Sony Cuts Sales Forecast as Almost Everything Starts to Shrink

Sony Cuts Sales Forecast as Almost Everything Starts to Shrink
Sony

Sony cut its full-year revenue outlook as sales of PlayStation 4, televisions and smartphones declined faster than the company originally anticipated, according to Bloomberg.

The electronics maker lowered its own sales target for the year ending March 2020 to 8.6 trillion yen ($79 billion), or 200 billion yen less than a forecast in April, the company said in a statement. The profit outlook was left unchanged.

Sony is predicting annual operating profit will drop for the first time in three years as it steps up investments in games and semiconductors. CEO Kenichiro Yoshida is looking for ways to spark growth. Sony is developing a successor to the PS4 and has partnered with Microsoft on cloud gaming. The CEO is also boosting capital spending to 1.2 trillion yen through March 2021, fueled by investments in smartphone camera sensors.

In games, its most important unit, Sony trimmed its revenue outlook by 4.3% to 2.2 trillion yen after sales fell 3% in the first quarter. The PS4 sales target was cut by 1 million units to 15 million. The company kept the forecast for the segment’s operating profit to fall 10% to 280 billion yen because of rising costs in research and development related to the PS5.

The games division faces a big challenge in topping last year’s performance, when blockbusters drove record earnings. This year’s lineup consists of lesser-known titles and the PS5 won’t go on sale this year, giving competitors a chance to win consumers over with new hardware.

In electronics products, a segment that includes smartphones and TVs, Sony cut its annual revenue outlook by 3.6% to 2.16 trillion yen. The TV target was cut by half a million to 10.5 million units.
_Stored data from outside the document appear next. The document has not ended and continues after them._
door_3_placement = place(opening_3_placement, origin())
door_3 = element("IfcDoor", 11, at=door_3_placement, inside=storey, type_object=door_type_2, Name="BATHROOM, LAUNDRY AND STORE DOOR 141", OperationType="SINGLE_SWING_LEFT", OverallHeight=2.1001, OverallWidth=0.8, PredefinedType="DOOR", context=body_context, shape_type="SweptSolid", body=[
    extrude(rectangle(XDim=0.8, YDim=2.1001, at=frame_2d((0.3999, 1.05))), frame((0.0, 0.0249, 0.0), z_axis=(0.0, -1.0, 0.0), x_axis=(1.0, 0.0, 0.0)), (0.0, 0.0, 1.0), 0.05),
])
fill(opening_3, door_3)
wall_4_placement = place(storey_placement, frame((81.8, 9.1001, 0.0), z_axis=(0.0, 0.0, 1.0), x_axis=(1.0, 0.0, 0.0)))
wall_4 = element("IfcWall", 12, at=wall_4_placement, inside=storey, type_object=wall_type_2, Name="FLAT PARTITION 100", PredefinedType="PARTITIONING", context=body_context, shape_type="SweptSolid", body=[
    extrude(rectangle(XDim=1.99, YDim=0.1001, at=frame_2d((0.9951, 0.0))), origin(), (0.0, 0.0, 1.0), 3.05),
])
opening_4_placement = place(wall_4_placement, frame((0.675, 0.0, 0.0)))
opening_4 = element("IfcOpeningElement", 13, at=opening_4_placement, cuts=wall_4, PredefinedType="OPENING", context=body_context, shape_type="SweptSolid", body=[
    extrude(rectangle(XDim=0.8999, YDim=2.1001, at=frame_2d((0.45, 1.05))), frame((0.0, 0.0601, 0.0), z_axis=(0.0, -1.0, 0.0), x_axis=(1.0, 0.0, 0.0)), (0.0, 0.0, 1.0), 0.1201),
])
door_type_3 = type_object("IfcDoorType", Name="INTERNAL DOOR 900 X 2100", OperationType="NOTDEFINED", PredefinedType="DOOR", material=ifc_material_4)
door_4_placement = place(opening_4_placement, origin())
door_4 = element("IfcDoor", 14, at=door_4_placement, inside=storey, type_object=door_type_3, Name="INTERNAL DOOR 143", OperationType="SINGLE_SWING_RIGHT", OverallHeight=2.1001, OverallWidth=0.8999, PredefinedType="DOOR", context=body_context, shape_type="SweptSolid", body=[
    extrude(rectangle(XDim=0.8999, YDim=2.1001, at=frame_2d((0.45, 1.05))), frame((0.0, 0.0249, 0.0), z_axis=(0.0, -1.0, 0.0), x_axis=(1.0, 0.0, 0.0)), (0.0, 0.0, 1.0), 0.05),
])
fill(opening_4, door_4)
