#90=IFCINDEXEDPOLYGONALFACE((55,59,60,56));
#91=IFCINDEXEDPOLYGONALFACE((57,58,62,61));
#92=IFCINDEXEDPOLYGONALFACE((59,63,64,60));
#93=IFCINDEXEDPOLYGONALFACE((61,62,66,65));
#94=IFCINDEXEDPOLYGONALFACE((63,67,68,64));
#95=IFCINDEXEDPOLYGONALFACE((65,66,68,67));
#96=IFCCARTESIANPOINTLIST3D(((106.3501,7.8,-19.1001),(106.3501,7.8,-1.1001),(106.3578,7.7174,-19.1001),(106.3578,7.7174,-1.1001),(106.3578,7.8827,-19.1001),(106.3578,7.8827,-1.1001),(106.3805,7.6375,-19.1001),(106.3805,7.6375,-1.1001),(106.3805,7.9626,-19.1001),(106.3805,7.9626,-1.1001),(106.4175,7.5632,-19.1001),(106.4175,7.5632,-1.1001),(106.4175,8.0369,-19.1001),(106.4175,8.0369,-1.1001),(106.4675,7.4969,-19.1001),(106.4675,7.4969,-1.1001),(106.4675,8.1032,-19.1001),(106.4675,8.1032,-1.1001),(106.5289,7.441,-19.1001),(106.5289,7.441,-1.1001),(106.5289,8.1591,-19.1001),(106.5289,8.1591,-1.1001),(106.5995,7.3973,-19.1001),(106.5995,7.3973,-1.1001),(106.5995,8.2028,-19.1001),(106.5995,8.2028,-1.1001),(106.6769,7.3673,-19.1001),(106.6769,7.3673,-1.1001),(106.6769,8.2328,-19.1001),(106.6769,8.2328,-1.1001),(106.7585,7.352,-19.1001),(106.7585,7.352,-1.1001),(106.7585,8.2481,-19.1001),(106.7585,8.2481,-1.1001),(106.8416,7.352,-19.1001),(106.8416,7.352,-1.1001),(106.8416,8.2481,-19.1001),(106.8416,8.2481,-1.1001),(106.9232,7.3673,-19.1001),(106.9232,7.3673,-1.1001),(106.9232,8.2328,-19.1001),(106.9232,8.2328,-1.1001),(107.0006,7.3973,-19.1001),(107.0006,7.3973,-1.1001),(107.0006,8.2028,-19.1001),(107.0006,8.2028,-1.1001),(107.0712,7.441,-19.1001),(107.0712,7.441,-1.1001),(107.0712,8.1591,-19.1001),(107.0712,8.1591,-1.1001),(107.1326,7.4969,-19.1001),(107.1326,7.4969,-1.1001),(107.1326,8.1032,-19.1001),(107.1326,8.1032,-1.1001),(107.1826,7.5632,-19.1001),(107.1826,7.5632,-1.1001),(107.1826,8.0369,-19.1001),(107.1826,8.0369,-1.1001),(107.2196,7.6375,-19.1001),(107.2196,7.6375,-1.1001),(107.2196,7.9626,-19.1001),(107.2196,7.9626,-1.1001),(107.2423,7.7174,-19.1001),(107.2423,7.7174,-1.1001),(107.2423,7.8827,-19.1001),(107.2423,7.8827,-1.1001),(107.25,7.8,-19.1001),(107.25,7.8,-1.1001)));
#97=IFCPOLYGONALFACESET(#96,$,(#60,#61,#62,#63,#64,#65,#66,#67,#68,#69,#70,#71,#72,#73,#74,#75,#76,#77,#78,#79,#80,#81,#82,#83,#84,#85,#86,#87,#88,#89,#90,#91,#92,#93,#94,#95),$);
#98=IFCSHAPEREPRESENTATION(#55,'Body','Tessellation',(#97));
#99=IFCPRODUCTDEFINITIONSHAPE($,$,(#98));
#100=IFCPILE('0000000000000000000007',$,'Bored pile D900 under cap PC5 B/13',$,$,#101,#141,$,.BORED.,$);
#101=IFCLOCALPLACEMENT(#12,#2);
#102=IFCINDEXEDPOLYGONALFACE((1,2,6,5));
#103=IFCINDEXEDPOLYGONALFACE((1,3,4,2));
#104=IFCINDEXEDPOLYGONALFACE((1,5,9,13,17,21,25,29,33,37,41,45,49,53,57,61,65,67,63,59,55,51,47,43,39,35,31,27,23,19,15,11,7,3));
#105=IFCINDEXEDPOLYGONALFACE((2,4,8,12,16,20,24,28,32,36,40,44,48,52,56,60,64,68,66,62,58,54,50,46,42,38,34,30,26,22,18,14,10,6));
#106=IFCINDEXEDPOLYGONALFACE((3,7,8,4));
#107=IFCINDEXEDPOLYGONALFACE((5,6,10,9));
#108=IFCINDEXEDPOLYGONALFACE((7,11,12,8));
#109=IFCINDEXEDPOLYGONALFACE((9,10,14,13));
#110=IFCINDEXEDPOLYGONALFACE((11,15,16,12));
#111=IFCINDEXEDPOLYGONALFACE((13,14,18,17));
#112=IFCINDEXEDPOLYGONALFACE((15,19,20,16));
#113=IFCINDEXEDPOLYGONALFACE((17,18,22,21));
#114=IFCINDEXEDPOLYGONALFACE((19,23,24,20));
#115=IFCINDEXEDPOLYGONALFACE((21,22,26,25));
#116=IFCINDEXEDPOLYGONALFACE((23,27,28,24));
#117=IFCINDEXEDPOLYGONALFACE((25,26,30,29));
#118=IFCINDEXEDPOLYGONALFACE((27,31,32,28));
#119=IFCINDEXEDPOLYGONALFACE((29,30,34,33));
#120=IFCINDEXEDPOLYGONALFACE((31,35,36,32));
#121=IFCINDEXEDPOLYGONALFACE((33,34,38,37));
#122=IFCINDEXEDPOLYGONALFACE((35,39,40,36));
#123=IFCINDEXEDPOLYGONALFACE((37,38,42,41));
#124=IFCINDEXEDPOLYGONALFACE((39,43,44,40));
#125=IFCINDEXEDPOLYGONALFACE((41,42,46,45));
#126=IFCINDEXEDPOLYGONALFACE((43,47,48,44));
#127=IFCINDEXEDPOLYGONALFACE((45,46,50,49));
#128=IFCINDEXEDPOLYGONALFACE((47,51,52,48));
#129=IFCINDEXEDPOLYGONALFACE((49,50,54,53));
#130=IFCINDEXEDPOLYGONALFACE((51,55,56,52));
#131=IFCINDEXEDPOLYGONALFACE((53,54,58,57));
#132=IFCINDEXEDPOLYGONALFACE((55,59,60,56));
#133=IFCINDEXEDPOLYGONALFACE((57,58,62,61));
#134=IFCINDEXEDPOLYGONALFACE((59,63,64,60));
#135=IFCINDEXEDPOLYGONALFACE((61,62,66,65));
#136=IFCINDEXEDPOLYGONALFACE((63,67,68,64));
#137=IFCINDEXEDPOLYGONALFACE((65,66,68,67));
The company slashed its smartphone sales to 4 million units from 5 million, although it still expects the mobile business to narrow losses to 47 billion yen.

Sony left its full-year profit outlook unchanged, forecasting a 9.4% drop to 810 billion yen. Analysts on average expect a profit of 821.5 billion yen. Operating income in the first quarter was 231 billion yen, more than the 176 billion yen average of analysts’ projections. Sales fell about 1% to 1.93 trillion yen, slightly lower than analysts’ average prediction for 1.94 trillion yen.